Menangislah!! Jika itu bisa membuatmu merasa lebih baik. Tapi kuharap setelah tangis itu reda, jangan ada air mata yang menetes karena pria brengsek ini.

Aku tahu aku brengsek. Aku tahu aku hanya menjadi beban untukmu. Aku pun tahu jika aku hanya bisa membuatmu meneteskan air mata. Karena aku berharap dengan sikapku yang seperti itu bisa membuatmu membenciku, bisa membuatmu membuangku dari hidupmu, bisa membuatmu lari dariku. Walaupun nantinya aku yang akan tersakiti.

Tapi aku salah. Kamu lebih kuat, kamu lebih tegar dari apa yang aku kira. Aku ingin kamu menjauh dari aku yang tidak bisa membuatmu tertawa. Aku ingin kamu melupakanku. Kamu terlalu keras kepala hingga tetap membiarkan perasaanmu tersakiti karena pria brengsek sepertiku.

Terimakasih atas semua waktu yang telah kamu berikan untukku. Terimakasih untuk semua kasih sayang, semua perhatian, semua ketulusan yang justru terbalas oleh keangkuhanku.

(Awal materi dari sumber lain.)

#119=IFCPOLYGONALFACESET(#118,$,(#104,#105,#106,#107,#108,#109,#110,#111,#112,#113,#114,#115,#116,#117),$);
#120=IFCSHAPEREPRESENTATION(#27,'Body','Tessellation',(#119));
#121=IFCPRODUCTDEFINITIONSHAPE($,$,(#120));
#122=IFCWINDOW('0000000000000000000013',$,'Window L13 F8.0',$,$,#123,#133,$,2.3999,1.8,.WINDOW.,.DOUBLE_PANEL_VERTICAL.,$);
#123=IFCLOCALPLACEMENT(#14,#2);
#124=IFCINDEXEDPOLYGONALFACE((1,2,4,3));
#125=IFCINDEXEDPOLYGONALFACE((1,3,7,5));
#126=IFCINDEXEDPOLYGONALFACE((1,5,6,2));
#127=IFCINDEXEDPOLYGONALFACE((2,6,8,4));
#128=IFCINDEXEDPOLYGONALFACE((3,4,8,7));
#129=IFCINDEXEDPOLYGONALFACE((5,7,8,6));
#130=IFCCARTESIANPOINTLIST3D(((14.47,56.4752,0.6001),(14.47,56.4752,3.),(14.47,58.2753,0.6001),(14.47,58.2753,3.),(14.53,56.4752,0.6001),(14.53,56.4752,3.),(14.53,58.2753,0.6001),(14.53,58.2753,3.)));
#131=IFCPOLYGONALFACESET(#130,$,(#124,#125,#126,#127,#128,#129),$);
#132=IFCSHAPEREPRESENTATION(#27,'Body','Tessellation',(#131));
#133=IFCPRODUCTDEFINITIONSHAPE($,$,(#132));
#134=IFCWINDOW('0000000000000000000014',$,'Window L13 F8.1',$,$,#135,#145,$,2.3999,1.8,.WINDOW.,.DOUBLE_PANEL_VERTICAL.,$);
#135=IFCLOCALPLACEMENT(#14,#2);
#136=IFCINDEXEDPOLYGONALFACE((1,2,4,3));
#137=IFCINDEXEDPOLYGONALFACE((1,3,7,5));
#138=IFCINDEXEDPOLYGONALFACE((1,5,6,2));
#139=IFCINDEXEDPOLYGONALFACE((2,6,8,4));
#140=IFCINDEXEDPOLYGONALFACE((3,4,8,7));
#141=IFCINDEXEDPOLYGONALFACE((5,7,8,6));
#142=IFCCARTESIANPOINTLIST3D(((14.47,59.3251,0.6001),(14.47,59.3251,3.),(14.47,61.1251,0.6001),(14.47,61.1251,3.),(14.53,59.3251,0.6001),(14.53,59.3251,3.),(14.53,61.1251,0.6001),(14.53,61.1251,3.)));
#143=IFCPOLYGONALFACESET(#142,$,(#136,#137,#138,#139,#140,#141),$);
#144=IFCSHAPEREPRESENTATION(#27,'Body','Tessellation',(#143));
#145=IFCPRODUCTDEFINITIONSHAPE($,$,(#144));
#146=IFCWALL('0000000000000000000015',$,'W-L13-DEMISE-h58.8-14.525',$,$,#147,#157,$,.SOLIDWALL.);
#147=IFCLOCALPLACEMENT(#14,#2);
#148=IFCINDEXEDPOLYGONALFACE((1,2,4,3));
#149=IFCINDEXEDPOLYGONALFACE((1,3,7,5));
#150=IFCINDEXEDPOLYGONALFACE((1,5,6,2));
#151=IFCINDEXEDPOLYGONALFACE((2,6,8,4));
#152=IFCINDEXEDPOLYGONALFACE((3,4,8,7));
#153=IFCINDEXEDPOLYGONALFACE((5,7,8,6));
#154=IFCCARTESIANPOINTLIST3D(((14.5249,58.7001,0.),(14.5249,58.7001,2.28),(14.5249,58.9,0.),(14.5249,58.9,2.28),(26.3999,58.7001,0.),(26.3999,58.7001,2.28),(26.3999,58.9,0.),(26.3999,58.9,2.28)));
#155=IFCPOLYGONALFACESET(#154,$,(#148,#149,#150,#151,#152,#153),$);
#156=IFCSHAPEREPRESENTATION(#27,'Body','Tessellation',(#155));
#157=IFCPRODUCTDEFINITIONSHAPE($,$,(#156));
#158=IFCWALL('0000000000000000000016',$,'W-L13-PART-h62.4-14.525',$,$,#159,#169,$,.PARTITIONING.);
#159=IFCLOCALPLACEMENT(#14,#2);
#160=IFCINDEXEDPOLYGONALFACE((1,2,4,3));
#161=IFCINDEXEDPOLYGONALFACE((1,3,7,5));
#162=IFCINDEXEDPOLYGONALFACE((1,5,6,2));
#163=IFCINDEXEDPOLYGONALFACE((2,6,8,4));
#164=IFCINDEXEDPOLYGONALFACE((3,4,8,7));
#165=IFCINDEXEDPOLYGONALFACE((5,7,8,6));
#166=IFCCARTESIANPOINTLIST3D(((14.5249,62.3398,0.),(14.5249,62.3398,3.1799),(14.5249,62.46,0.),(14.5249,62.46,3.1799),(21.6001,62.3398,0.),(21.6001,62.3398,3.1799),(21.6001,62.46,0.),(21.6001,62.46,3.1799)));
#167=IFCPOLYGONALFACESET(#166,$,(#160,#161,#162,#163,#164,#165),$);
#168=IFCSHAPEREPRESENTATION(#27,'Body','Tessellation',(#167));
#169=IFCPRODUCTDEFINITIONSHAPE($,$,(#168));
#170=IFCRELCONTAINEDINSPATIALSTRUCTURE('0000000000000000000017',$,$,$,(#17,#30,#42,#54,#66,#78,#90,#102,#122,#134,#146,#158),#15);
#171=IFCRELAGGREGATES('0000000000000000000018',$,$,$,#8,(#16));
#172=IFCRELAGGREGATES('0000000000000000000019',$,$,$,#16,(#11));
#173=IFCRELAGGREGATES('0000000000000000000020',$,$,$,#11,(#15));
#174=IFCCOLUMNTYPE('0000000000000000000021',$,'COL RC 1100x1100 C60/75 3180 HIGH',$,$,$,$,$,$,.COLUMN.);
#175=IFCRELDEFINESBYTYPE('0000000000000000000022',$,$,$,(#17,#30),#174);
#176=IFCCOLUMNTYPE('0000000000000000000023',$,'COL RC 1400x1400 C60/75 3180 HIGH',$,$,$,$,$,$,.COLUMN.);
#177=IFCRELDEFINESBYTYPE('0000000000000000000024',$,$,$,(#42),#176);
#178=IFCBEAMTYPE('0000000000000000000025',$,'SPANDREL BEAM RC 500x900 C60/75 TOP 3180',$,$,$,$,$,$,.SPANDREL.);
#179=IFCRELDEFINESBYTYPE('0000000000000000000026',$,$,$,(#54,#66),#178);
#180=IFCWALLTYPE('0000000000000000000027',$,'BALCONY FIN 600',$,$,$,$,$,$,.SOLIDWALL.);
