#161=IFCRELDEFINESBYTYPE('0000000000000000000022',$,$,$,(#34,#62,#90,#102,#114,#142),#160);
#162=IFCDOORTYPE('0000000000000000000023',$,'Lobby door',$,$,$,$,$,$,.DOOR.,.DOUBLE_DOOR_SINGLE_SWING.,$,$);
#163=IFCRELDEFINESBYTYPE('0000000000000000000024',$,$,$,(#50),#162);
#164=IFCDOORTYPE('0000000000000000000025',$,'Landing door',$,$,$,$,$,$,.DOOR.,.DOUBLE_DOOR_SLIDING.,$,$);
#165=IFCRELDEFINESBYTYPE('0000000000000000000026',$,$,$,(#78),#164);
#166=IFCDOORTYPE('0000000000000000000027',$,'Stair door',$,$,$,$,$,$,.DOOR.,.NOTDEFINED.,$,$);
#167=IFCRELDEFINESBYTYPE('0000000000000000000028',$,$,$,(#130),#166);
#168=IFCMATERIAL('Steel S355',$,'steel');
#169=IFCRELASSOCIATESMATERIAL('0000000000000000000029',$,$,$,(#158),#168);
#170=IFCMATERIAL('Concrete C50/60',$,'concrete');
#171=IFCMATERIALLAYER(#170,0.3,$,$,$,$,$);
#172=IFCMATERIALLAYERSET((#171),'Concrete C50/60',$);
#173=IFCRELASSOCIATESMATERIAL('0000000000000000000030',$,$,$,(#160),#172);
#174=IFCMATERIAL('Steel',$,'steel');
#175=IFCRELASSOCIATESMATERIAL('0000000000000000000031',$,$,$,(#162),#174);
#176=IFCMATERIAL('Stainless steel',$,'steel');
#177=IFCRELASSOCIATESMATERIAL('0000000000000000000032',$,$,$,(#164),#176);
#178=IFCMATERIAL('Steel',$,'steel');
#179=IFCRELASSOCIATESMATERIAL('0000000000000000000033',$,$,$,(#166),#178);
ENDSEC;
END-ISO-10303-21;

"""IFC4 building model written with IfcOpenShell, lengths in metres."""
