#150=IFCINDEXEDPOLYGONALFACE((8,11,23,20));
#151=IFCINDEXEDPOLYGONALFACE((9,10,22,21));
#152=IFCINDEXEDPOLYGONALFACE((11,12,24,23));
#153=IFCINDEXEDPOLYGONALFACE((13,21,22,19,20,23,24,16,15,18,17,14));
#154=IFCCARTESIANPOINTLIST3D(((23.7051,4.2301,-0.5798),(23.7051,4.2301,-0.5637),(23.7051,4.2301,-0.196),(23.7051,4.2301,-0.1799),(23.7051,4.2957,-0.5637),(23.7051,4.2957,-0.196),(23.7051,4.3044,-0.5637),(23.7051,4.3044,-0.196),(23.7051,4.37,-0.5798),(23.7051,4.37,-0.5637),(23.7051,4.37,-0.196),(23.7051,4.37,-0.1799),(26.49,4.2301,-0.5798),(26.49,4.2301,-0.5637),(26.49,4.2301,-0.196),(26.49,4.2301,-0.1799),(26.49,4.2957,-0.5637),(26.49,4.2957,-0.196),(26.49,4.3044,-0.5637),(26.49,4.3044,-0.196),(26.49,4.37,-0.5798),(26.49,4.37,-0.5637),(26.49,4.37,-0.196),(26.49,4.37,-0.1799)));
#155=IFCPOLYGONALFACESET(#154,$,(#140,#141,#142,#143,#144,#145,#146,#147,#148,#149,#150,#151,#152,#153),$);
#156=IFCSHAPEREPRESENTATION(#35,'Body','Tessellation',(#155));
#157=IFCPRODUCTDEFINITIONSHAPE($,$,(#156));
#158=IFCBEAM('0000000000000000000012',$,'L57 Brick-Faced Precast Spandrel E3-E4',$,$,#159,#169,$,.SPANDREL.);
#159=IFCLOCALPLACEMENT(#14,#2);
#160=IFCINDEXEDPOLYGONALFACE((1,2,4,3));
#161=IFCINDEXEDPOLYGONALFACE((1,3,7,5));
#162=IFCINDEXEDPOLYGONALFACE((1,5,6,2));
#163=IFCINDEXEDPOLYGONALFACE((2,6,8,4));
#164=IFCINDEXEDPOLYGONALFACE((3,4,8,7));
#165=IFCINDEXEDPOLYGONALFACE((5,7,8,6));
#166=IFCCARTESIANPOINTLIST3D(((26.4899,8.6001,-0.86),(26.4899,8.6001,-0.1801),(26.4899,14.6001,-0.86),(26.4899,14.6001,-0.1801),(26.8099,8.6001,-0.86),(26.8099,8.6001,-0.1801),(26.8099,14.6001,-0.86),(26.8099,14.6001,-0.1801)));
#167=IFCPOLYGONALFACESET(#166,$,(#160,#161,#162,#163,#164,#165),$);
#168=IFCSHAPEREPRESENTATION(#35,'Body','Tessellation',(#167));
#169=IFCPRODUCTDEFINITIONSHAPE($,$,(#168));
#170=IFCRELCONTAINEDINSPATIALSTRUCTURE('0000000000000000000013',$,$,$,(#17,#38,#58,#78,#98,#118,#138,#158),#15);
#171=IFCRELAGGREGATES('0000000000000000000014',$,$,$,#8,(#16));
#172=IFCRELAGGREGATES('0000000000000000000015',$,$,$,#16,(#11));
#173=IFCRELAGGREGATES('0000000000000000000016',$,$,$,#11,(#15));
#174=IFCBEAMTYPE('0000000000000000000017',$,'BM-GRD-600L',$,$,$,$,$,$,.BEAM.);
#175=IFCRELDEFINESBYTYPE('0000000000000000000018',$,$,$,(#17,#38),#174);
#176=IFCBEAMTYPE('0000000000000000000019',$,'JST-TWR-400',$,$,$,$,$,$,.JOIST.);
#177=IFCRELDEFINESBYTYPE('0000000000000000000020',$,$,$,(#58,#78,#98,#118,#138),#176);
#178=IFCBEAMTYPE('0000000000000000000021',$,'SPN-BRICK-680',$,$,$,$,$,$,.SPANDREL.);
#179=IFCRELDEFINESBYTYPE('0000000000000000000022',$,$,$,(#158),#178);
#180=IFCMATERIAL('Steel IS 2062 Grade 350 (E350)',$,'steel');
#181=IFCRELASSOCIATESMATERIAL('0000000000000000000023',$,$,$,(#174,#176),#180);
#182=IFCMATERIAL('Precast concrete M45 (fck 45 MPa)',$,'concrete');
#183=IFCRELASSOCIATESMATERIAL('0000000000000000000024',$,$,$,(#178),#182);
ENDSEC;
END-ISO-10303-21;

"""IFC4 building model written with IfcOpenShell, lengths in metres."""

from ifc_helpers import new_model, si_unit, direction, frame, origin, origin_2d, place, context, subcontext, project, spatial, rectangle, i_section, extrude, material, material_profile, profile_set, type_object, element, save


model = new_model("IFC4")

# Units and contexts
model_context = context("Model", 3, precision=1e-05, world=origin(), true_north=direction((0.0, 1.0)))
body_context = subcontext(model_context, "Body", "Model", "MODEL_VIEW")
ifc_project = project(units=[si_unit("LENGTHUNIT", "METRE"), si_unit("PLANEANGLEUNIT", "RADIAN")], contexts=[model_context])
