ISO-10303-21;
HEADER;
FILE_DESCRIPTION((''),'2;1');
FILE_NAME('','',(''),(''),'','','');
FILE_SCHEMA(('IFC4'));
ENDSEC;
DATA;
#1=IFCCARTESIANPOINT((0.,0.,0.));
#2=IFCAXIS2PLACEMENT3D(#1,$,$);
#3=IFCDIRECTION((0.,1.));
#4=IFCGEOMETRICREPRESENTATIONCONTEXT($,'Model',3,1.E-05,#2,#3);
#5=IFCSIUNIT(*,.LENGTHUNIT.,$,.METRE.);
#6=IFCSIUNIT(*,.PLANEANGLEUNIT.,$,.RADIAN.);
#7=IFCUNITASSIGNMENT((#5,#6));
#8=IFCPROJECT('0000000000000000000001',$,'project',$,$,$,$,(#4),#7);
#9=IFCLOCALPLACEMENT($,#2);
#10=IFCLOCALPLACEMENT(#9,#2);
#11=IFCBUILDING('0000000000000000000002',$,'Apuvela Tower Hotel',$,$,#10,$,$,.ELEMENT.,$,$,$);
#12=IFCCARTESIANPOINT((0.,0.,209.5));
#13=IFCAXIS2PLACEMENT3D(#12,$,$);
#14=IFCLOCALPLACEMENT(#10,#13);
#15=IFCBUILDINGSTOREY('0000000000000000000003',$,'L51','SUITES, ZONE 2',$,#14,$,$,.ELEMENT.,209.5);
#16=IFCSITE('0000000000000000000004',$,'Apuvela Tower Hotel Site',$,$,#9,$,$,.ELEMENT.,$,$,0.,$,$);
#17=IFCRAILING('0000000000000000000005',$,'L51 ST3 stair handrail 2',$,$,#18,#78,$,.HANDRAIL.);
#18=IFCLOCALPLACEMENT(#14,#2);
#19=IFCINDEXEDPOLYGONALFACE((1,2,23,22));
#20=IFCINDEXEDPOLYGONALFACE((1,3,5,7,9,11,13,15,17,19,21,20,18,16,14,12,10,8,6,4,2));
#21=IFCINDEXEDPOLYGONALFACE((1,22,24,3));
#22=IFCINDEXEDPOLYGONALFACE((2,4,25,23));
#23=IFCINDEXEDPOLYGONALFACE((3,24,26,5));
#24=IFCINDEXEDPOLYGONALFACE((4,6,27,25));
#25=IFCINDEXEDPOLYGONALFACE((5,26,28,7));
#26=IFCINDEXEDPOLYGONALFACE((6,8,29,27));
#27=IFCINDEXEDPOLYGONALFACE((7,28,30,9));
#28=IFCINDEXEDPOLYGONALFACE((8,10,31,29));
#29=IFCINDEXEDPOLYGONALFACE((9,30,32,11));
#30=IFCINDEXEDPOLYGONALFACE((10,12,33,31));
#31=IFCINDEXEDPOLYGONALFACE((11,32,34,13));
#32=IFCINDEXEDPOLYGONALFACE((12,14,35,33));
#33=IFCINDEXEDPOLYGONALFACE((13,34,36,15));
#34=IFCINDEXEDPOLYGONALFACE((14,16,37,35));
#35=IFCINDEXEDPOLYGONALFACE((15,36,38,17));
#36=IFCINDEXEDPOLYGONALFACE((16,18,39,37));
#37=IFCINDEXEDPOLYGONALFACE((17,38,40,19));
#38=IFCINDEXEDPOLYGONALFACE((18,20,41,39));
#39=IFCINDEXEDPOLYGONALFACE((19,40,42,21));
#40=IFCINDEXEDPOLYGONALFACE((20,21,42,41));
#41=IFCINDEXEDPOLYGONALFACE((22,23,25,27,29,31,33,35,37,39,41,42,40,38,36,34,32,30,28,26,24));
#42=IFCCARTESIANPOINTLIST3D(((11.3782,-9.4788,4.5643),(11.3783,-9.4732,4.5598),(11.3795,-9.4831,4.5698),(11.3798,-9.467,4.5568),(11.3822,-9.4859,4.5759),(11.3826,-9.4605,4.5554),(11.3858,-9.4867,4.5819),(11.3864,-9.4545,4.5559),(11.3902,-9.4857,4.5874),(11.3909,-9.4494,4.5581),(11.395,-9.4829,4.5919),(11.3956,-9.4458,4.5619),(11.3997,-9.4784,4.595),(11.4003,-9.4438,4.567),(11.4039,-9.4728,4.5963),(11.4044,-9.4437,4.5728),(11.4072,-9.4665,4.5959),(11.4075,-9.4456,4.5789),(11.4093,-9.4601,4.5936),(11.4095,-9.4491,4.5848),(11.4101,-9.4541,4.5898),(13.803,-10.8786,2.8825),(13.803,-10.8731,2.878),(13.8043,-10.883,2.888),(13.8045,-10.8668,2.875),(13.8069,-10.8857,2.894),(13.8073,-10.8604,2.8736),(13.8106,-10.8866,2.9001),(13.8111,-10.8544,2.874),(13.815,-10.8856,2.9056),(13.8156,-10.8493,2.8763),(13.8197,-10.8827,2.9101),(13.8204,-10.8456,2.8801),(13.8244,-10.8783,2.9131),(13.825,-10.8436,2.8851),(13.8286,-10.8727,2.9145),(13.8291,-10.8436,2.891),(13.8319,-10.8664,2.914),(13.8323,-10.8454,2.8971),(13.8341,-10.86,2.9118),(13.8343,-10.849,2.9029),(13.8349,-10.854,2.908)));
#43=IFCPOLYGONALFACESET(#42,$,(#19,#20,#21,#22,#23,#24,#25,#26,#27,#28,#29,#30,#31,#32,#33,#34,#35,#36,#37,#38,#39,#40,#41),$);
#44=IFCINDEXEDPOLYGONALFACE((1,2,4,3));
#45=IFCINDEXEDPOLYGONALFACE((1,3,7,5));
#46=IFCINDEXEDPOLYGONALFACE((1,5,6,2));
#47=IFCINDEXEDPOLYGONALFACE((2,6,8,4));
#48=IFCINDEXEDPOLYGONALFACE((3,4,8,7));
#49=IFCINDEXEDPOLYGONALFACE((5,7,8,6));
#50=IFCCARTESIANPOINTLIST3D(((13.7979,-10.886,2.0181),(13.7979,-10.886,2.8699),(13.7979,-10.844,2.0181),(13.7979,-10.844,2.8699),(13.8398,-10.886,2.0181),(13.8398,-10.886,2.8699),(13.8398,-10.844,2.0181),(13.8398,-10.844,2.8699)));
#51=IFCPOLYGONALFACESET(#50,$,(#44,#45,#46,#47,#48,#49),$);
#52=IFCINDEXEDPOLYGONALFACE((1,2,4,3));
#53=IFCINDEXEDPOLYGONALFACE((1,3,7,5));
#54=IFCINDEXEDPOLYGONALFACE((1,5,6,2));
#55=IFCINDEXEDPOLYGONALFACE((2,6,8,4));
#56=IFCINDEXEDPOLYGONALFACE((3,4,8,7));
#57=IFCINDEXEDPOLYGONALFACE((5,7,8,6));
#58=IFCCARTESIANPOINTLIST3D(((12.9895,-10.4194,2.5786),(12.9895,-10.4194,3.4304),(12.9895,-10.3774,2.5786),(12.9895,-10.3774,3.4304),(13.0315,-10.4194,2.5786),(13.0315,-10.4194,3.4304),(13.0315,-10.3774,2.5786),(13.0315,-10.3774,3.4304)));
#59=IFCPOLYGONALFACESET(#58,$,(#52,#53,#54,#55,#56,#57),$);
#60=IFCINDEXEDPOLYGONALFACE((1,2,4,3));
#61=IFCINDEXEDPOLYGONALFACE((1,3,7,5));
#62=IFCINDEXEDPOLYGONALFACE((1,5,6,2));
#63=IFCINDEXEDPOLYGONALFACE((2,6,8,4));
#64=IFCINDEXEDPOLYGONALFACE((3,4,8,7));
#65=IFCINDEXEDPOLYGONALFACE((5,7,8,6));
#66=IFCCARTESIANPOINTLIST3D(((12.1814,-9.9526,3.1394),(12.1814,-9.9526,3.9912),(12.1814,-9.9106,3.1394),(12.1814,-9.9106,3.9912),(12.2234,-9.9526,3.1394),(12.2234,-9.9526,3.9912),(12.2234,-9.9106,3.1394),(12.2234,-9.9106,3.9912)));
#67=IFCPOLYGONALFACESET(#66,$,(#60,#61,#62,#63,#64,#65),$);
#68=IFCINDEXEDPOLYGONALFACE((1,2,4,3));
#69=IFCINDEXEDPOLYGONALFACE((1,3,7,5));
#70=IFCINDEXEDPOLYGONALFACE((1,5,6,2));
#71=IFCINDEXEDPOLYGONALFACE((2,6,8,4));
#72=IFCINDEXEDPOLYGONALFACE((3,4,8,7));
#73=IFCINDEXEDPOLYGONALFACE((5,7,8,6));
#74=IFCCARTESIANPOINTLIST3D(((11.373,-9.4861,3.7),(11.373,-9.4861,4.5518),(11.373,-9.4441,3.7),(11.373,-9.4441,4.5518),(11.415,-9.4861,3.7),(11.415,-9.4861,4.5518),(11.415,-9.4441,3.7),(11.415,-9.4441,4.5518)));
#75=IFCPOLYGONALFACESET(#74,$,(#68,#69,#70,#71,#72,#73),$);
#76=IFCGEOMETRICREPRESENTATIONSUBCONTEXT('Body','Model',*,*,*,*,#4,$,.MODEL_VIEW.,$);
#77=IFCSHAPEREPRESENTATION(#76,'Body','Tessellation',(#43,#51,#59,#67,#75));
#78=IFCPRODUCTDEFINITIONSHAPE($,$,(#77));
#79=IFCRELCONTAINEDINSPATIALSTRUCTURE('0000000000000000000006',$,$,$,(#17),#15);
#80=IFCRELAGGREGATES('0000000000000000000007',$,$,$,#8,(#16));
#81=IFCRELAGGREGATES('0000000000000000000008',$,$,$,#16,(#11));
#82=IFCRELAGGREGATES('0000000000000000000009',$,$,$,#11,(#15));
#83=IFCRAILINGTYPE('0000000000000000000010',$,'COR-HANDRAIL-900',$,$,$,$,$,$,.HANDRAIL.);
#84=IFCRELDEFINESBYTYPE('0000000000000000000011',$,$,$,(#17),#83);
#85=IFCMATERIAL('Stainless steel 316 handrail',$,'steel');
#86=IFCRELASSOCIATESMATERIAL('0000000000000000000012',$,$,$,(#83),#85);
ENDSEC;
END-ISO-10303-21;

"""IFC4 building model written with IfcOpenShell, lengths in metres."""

from ifc_helpers import new_model, si_unit, direction, frame, origin, origin_2d, place, context, subcontext, project, spatial, rectangle, circle, extrude, material, type_object, element, save


model = new_model("IFC4")

# Units and contexts
model_context = context("Model", 3, precision=1e-05, world=origin(), true_north=direction((0.0, 1.0)))
body_context = subcontext(model_context, "Body", "Model", "MODEL_VIEW")
ifc_project = project(units=[si_unit("LENGTHUNIT", "METRE"), si_unit("PLANEANGLEUNIT", "RADIAN")], contexts=[model_context])

# Site, building, storey
site_placement = place(None, origin())
site = spatial("IfcSite", under=ifc_project, at=site_placement, Name="Apuvela Tower Hotel Site", CompositionType="ELEMENT", RefElevation=0.0)
building_placement = place(site_placement, origin())
building = spatial("IfcBuilding", under=site, at=building_placement, Name="Apuvela Tower Hotel", CompositionType="ELEMENT")
storey_placement = place(building_placement, frame((0.0, 0.0, 209.5)))
storey = spatial("IfcBuildingStorey", under=building, at=storey_placement, Name="L51", Description="SUITES, ZONE 2", CompositionType="ELEMENT", Elevation=209.5)

# Railing
ifc_material_1 = material(Name="Stainless steel 316 handrail", Category="steel")
railing_type_1 = type_object("IfcRailingType", Name="COR-HANDRAIL-900", PredefinedType="HANDRAIL", material=ifc_material_1)
railing_1_placement = place(storey_placement, frame((13.8188, -10.865, 2.0181)))
element("IfcRailing", 1, at=railing_1_placement, inside=storey, type_object=railing_type_1, Name="L51 ST3 stair handrail 2", PredefinedType="HANDRAIL", context=body_context, shape_type="SweptSolid", body=[
    extrude(circle(Radius=0.0239, at=origin_2d()), frame((0.0, 0.0, 0.876), z_axis=(-0.74239, 0.428601, 0.514934), x_axis=(-0.499984, -0.866035, 0.0)), (0.0, 0.0, 1.0), 3.2661),
    extrude(rectangle(XDim=0.042, YDim=0.042, at=origin_2d()), origin(), (0.0, 0.0, 1.0), 0.8518),
    extrude(rectangle(XDim=0.042, YDim=0.042, at=origin_2d()), frame((-0.8083, 0.4666, 0.5605)), (0.0, 0.0, 1.0), 0.8518),
    extrude(rectangle(XDim=0.042, YDim=0.042, at=origin_2d()), frame((-1.6165, 0.9333, 1.1213)), (0.0, 0.0, 1.0), 0.8518),
    extrude(rectangle(XDim=0.042, YDim=0.042, at=origin_2d()), frame((-2.4248, 1.3999, 1.6819)), (0.0, 0.0, 1.0), 0.8518),
])

save(model, "model.ifc")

Sekarang, maukah kamu berjanji satu hal kepadaku? Berjanjilah untuk berbahagia, walaupun tanpa aku di sisimu.

Aku tau kamu gadis kuat. Kamu pasti akan segera mendapatkan penggantiku, pengganti yang bisa membuatmu tersenyum setiap detiknya. Bukan seseorang yang menyebabkanmu meneteskan air matanya.

Terakhir, aku ingin kamu tahu bahwa aku sayang padamu. Aku menyayangi semua yang ada padamu, semua yang telah kamu lakukan untukku. Iya, aku terlambat mengucapkannya, karena nyatanya kita berada di dunia yang berlainan. Tapi aku hanya ingin kamu mengetahui bagaimana perasaanku yang sebenarnya.

Berbahagialah!!!

***

"Mau sampai kapan sih kamu sok peduli kepadaku?" tanya seorang pria dengan wajah kesalnya. Dia menatap sebal kepada gadis yang selalu mengikutinya akhir-akhir ini.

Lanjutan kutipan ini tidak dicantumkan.